Shale gas has lost its lustre

Resitance is growing in the US. Here, at a protest site in Riverdale, Utah. Photo: Public Herald cc by-nc-nd

The “Golden Age” of shale gas, heralded by the International Energy Agency (IEA) a year ago, may not arrive after all, at least not in Europe. The promises of plenty, soon and cheap are not materialising.

When Acid News wrote about shale gas a year ago (AN 2/2012), there was a certain triumphalism among frackers, and their standard-bearer, the IEA. The message was that the success of unconventional gas in the United States could and should be replicated in much of the rest of the world, especially Europe.

The outcome is not so clear-cut.
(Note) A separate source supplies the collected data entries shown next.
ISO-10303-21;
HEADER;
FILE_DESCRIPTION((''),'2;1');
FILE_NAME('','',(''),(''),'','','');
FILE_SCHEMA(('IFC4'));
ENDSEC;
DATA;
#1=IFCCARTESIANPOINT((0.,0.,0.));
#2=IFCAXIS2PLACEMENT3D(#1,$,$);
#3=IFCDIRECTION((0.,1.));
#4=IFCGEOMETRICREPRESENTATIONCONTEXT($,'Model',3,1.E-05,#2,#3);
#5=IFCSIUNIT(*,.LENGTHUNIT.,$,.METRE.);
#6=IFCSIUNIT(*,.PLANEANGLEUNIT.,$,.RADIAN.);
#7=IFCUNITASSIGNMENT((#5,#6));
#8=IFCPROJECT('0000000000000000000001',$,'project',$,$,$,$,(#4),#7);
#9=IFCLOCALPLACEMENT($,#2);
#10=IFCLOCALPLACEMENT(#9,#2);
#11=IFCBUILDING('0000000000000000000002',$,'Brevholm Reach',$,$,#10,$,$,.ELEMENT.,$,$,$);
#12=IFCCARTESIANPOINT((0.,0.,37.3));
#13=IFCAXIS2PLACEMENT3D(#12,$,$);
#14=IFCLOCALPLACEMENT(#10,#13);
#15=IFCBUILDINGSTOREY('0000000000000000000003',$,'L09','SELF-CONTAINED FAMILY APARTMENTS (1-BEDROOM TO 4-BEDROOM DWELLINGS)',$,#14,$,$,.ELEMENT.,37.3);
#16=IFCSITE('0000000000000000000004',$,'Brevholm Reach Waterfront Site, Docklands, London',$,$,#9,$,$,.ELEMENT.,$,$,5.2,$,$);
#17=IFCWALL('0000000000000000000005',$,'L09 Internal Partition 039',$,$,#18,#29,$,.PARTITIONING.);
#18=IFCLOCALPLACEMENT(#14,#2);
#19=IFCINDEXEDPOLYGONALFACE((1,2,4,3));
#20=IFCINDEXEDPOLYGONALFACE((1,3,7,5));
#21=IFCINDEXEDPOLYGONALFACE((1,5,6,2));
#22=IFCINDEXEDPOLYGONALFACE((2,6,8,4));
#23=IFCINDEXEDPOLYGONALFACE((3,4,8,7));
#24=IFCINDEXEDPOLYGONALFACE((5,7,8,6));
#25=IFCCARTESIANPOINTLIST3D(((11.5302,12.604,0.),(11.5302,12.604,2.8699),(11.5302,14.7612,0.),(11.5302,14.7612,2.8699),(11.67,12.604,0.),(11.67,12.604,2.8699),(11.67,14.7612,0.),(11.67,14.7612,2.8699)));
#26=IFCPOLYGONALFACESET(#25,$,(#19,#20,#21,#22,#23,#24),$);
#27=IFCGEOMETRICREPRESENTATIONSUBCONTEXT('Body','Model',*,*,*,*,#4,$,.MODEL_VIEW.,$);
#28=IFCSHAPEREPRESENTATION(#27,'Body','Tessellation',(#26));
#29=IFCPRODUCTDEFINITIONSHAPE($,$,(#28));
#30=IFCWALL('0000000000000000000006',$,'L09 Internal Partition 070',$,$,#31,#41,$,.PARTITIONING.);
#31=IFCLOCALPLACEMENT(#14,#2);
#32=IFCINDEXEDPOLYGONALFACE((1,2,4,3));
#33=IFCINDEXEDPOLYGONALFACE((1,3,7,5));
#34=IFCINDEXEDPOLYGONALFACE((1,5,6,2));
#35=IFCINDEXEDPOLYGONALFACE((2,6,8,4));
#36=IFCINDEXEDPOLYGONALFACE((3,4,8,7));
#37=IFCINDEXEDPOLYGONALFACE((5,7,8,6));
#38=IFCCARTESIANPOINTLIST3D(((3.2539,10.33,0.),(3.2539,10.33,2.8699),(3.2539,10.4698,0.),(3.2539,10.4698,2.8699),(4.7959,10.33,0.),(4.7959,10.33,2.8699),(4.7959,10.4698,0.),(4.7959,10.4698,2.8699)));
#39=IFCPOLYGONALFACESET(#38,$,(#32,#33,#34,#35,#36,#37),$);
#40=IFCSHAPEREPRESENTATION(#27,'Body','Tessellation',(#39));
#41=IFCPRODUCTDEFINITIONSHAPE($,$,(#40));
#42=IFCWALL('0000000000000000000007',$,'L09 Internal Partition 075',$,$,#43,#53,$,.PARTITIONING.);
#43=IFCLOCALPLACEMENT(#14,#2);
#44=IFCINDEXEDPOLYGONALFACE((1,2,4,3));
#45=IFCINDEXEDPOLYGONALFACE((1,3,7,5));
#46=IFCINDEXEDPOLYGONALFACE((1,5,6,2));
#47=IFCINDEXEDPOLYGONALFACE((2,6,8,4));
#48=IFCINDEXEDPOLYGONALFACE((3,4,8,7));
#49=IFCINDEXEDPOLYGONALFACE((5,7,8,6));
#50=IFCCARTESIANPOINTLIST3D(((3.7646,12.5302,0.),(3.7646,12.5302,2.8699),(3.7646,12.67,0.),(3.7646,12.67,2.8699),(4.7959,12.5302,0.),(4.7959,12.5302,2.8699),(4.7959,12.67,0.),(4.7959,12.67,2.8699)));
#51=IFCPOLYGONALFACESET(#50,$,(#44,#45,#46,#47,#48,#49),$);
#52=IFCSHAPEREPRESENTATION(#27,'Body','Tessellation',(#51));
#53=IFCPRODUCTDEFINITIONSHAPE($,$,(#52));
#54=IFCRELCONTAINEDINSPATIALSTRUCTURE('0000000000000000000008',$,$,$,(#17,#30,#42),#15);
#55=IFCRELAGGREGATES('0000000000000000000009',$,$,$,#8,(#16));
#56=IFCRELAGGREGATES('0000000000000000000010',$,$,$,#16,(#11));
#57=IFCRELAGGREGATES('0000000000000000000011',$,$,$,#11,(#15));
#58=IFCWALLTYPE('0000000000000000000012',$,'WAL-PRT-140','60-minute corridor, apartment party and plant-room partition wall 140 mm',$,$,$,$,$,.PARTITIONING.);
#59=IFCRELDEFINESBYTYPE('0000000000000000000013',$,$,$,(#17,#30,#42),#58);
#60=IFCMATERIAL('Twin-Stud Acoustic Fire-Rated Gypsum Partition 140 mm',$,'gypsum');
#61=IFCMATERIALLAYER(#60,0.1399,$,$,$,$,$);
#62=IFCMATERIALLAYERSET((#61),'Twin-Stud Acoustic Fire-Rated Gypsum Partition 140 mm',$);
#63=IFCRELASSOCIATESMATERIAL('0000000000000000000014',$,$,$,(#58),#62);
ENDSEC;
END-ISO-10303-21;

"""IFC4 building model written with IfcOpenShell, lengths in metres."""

from ifc_helpers import new_model, si_unit, direction, frame, frame_2d, origin, place, context, subcontext, project, spatial, rectangle, extrude, material, layer, layer_set, type_object, element, save


model = new_model("IFC4")

# Units and contexts
model_context = context("Model", 3, precision=1e-05, world=origin(), true_north=direction((0.0, 1.0)))
body_context = subcontext(model_context, "Body", "Model", "MODEL_VIEW")
ifc_project = project(units=[si_unit("LENGTHUNIT", "METRE"), si_unit("PLANEANGLEUNIT", "RADIAN")], contexts=[model_context])

# Site, building, storey
site_placement = place(None, origin())
site = spatial("IfcSite", under=ifc_project, at=site_placement, Name="Brevholm Reach Waterfront Site, Docklands, London", CompositionType="ELEMENT", RefElevation=5.2)
building_placement = place(site_placement, origin())
building = spatial("IfcBuilding", under=site, at=building_placement, Name="Brevholm Reach", CompositionType="ELEMENT")
storey_placement = place(building_placement, frame((0.0, 0.0, 37.3)))
storey = spatial("IfcBuildingStorey", under=building, at=storey_placement, Name="L09", Description="SELF-CONTAINED FAMILY APARTMENTS (1-BEDROOM TO 4-BEDROOM DWELLINGS)", CompositionType="ELEMENT", Elevation=37.3)

# Shared definitions
ifc_material_1 = material(Name="Twin-Stud Acoustic Fire-Rated Gypsum Partition 140 mm", Category="gypsum")
ifc_layer_1 = layer(ifc_material_1, 0.1399)
ifc_layer_set_1 = layer_set([ifc_layer_1], Name="Twin-Stud Acoustic Fire-Rated Gypsum Partition 140 mm")
wall_type_1 = type_object("IfcWallType", Name="WAL-PRT-140", Description="60-minute corridor, apartment party and plant-room partition wall 140 mm", PredefinedType="PARTITIONING", material=ifc_layer_set_1)

# Walls
wall_1_placement = place(storey_placement, frame((11.6001, 12.604, 0.0), z_axis=(0.0, 0.0, 1.0), x_axis=(0.0, 1.0, 0.0)))
element("IfcWall", 1, at=wall_1_placement, inside=storey, type_object=wall_type_1, Name="L09 Internal Partition 039", PredefinedType="PARTITIONING", context=body_context, shape_type="SweptSolid", body=[
    extrude(rectangle(XDim=2.1572, YDim=0.1399, at=frame_2d((1.0786, 0.0))), origin(), (0.0, 0.0, 1.0), 2.8699),
])
wall_2_placement = place(storey_placement, frame((3.2539, 10.3999, 0.0), z_axis=(0.0, 0.0, 1.0), x_axis=(1.0, 0.0, 0.0)))
element("IfcWall", 2, at=wall_2_placement, inside=storey, type_object=wall_type_1, Name="L09 Internal Partition 070", PredefinedType="PARTITIONING", context=body_context, shape_type="SweptSolid", body=[
    extrude(rectangle(XDim=1.542, YDim=0.1399, at=frame_2d((0.771, 0.0))), origin(), (0.0, 0.0, 1.0), 2.8699),
])
wall_3_placement = place(storey_placement, frame((3.7646, 12.6001, 0.0), z_axis=(0.0, 0.0, 1.0), x_axis=(1.0, 0.0, 0.0)))
element("IfcWall", 3, at=wall_3_placement, inside=storey, type_object=wall_type_1, Name="L09 Internal Partition 075", PredefinedType="PARTITIONING", context=body_context, shape_type="SweptSolid", body=[
    extrude(rectangle(XDim=1.0312, YDim=0.1399, at=frame_2d((0.5156, 0.0))), origin(), (0.0, 0.0, 1.0), 2.8699),
])

save(model, "model.ifc")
The war has just begun and both sides have scored some battle victories.

The frackers, i.e. the exploiters of and proponents for unconventional gas (see Box) have won some ground.

The EU Parliament voted down a moratorium on fracking in November 2012 with a very large majority.

The UK government lifted its moratorium on fracking in December 2012, and has since moved to a strong pro-shale position. In July it outlined tax breaks for fracking. The plans would make the UK the “most generous” regime for shale gas in the world, according to the government .

“Fracking has become a national debate in Britain – and it’s one that I’m determined to win,” wrote Prime Minister David Cameron in the Telegraph in September. The energy and climate secretary Ed Davey then claimed that fracking will not add to climate change. This was simultaneously more or less contradicted by a report from his own chief scientist, David Mackay .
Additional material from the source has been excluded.